И в самом деле: он никогда не проедет в экипаже, никогда не будет иметь такого конька, как у управляющего, никогда не сядет в машину. Отдохнув, он снова плетется в пыли, изнуренный голодом и жарой. Он может упасть и умереть. Труп его сбросят с дороги. Этим все и кончится...
Прощальный вечер в Карачи
Зал Халлик-холл в Карачи никогда не видел в своих стенах столько разнообразного народу, как в этот вечер. С трудом могли мы пробиться на сцену, которая на высоту человеческого роста возвышается над залом.
Сцена была так тесно заполнена людьми, что едва нашлось место поставить стулья для нас. Я смотрел в зал и видел, что люди сидят не только на стульях, но и на полу в проходах, стоят у стен.
Я узнавал немногих друзей, с которыми познакомился в Карачи. В зале были писатели, журналисты, представители профсоюзов, очень много рабочих. Я не ожидал, что так много народу придет нас приветствовать. Пришли тысячи.
Не успел председатель объявить об открытии вечера, как из толпы закричал какой-то фанатичный поклонник ритуала: «А где молитва?!»
Дело в том, что в Пакистане ни одно заседание или публичное собрание не может начаться без произнесения краткой молитвы.
Чтобы не задерживать начала вечера и успокоить рьяного исламиста, какой-то старик вышел на сцену, повязал поспешно голову платком, так как молитву нельзя читать с непокрытой головой, пробубнил в микрофон что-то насчет аллаха, и вечер открылся.
Нам надели на шеи венки из красных и желтых роз. На столе стояли серп и молот, сделанные из проволоки, обвитой зеленью и красными розами. Затем начались приветствия. Они читались на урду и переводились тут же. Приветствия были написаны на картоне каллиграфическим, очень искусным почерком.
В этих приветствиях сквозь затейливые узоры восточного красноречия чувствовалась настоящая, большая любовь к советским людям. Взрывы приветственных криков оканчивали каждое выступление.
Мы выступали все по очереди, благодаря пакистанский народ, прогрессивных его деятелей и общественность за дружбу и гостеприимство. Что делалось в зале, трудно описать! Народ вскакивал с мест, к нам тянулись тысячи рук. Крики «Да здравствует Советский Союз!», «Да здравствует Москва!» гремели даже откуда-то с боков. Мы не знали, что двери раскрыты и тысячи людей стоят на улице. Они подхватывали возгласы, проносившиеся по залу, и повторяли их, как громовое эхо. Я видел, что в зале люди искренне и горячо расположены к нам.
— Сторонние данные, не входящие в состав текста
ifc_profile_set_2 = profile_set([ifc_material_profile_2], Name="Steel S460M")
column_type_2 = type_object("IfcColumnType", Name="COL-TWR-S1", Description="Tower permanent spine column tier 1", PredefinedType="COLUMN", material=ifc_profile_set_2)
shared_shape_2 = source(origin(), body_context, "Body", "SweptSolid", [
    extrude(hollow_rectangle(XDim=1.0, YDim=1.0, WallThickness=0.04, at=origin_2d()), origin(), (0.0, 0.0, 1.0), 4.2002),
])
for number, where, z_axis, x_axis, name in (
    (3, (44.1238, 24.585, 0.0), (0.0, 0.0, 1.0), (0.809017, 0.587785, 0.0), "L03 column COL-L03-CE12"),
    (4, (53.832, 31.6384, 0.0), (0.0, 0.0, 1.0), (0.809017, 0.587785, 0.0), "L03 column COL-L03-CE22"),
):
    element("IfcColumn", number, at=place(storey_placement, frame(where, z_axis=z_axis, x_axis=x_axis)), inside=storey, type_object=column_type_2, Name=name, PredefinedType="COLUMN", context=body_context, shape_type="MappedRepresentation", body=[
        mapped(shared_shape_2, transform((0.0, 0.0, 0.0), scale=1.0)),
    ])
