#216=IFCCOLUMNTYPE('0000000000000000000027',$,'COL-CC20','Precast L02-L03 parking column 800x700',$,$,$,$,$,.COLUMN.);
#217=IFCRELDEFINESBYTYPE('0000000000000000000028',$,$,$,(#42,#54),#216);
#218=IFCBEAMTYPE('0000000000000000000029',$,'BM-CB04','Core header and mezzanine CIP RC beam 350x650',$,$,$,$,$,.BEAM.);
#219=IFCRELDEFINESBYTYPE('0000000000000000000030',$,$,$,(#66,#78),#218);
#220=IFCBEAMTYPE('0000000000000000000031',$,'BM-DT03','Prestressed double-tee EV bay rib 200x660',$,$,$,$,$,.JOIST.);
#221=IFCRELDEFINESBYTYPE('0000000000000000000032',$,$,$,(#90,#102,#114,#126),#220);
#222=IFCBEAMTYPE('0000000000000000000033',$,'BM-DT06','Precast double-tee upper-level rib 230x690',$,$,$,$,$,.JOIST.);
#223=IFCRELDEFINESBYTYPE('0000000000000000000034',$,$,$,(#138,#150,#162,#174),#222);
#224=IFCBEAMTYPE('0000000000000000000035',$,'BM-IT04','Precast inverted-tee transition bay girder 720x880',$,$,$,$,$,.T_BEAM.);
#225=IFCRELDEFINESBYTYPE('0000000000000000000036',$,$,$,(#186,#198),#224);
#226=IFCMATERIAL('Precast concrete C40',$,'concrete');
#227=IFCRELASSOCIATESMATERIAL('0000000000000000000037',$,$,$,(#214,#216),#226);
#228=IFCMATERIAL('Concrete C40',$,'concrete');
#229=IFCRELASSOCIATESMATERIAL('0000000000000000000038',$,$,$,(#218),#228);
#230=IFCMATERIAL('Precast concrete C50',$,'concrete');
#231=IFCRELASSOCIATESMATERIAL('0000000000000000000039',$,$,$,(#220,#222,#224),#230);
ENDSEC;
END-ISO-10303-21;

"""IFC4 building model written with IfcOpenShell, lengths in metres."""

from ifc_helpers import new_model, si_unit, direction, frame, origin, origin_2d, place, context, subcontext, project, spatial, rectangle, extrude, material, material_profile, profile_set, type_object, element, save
Все, что мы слышали в многочисленных беседах на дорогах и в домах, все, что мы пережили и перечувствовали за время своего пребывания в стране, — все соединилось здесь в такое могучее дружеское признание, что слезы навертывались на глаза при виде такого народного энтузиазма.
Рукоплескания и крики сливались в гул реки, волны которой били с улицы в зал через широко раскрытые двери.
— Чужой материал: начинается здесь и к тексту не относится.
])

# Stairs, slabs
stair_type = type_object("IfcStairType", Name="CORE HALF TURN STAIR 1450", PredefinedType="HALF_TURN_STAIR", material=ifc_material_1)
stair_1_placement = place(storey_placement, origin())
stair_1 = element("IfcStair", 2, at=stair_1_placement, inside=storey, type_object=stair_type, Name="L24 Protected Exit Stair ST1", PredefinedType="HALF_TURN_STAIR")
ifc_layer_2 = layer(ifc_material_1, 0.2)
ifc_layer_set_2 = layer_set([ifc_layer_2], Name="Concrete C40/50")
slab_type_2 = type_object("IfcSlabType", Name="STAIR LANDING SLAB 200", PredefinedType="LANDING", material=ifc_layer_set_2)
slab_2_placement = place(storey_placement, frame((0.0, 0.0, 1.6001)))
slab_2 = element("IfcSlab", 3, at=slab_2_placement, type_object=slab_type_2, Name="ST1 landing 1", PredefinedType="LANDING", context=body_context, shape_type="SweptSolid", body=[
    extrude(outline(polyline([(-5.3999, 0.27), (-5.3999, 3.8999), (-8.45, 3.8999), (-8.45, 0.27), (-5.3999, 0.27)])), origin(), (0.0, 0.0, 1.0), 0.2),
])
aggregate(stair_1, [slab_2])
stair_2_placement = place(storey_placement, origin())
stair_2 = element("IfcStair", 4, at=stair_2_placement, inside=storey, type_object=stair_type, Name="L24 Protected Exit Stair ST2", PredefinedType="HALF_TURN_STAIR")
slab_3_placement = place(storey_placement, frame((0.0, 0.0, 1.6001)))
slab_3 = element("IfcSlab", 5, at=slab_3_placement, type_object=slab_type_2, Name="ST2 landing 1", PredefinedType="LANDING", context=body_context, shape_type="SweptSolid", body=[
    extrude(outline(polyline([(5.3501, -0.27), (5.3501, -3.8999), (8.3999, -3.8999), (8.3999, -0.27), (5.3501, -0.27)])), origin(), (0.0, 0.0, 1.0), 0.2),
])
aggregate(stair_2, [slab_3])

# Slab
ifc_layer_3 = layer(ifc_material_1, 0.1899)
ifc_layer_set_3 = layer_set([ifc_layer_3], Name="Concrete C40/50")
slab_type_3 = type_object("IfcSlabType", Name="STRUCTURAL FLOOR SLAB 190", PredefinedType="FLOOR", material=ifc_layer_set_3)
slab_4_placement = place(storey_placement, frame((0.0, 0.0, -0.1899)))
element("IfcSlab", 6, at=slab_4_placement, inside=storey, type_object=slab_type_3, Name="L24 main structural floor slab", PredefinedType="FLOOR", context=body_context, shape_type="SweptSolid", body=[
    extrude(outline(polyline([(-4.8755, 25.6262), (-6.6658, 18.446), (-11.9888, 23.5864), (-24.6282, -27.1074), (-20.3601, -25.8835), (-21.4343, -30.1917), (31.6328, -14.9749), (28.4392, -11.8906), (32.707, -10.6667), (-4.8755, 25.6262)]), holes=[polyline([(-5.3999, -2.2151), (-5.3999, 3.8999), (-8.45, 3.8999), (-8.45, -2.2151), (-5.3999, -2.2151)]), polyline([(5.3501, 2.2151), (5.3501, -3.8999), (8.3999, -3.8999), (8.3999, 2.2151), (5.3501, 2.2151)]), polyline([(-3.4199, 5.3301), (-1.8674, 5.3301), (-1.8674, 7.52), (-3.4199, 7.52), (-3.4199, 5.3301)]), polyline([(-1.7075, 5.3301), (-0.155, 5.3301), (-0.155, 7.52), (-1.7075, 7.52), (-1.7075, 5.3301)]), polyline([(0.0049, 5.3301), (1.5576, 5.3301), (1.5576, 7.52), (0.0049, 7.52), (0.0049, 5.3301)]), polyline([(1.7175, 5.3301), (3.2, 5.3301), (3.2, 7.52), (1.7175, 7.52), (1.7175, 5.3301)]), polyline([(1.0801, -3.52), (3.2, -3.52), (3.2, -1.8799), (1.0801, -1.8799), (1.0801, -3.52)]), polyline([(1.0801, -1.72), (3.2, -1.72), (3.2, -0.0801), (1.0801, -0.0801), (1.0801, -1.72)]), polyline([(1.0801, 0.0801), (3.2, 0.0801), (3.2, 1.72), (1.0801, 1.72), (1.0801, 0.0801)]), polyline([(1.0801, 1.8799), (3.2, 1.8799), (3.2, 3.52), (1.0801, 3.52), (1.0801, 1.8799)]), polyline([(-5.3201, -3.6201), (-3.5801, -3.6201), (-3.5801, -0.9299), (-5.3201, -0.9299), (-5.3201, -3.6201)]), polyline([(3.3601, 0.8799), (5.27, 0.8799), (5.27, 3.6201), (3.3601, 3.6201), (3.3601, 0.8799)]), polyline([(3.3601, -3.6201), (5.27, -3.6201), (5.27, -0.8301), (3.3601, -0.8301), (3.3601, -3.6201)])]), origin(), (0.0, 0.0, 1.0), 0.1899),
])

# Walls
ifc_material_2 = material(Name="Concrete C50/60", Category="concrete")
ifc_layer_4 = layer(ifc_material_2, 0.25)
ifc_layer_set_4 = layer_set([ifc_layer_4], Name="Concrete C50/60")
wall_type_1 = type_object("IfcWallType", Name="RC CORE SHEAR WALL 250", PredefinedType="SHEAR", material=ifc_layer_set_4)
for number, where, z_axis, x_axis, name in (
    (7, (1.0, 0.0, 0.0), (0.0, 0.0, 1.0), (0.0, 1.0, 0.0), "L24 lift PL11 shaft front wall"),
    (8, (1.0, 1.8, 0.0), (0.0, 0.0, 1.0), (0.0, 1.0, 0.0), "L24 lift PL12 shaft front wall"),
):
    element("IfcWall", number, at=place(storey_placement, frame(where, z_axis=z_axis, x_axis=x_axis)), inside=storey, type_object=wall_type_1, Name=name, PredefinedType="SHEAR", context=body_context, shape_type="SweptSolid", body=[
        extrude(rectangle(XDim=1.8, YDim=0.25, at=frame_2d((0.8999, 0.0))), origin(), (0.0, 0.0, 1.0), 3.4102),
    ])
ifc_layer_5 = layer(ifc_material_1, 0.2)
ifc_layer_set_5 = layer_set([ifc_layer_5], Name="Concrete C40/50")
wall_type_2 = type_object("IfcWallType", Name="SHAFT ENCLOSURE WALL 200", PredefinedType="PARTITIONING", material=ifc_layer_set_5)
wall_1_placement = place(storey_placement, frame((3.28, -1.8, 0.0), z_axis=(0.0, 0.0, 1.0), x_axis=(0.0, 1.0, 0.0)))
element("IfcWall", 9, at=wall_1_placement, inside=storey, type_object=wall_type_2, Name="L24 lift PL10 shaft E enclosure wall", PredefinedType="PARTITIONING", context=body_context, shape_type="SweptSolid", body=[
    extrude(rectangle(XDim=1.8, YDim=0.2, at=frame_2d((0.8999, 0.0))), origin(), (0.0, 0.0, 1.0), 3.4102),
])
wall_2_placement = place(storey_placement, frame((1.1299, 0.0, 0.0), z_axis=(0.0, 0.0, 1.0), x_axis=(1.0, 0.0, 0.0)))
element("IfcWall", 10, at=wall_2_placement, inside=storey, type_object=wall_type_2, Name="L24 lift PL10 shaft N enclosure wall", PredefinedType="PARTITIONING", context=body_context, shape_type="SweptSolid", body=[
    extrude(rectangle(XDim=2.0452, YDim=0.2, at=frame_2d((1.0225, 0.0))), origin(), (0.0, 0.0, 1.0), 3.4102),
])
Хотелось сказать как можно больше этим людям, которые так мечтали, чтобы их народ вышел из вековой темноты, сбросил все цепи того беспримерного гнета, который лег на тела и умы, на народ, такой здоровый душевно, такой красивый и талантливый.
Читались стихи, пелись стихи, казалось не будет конца этому вечеру, но часы пролетели незаметно, и надо было расходиться по домам.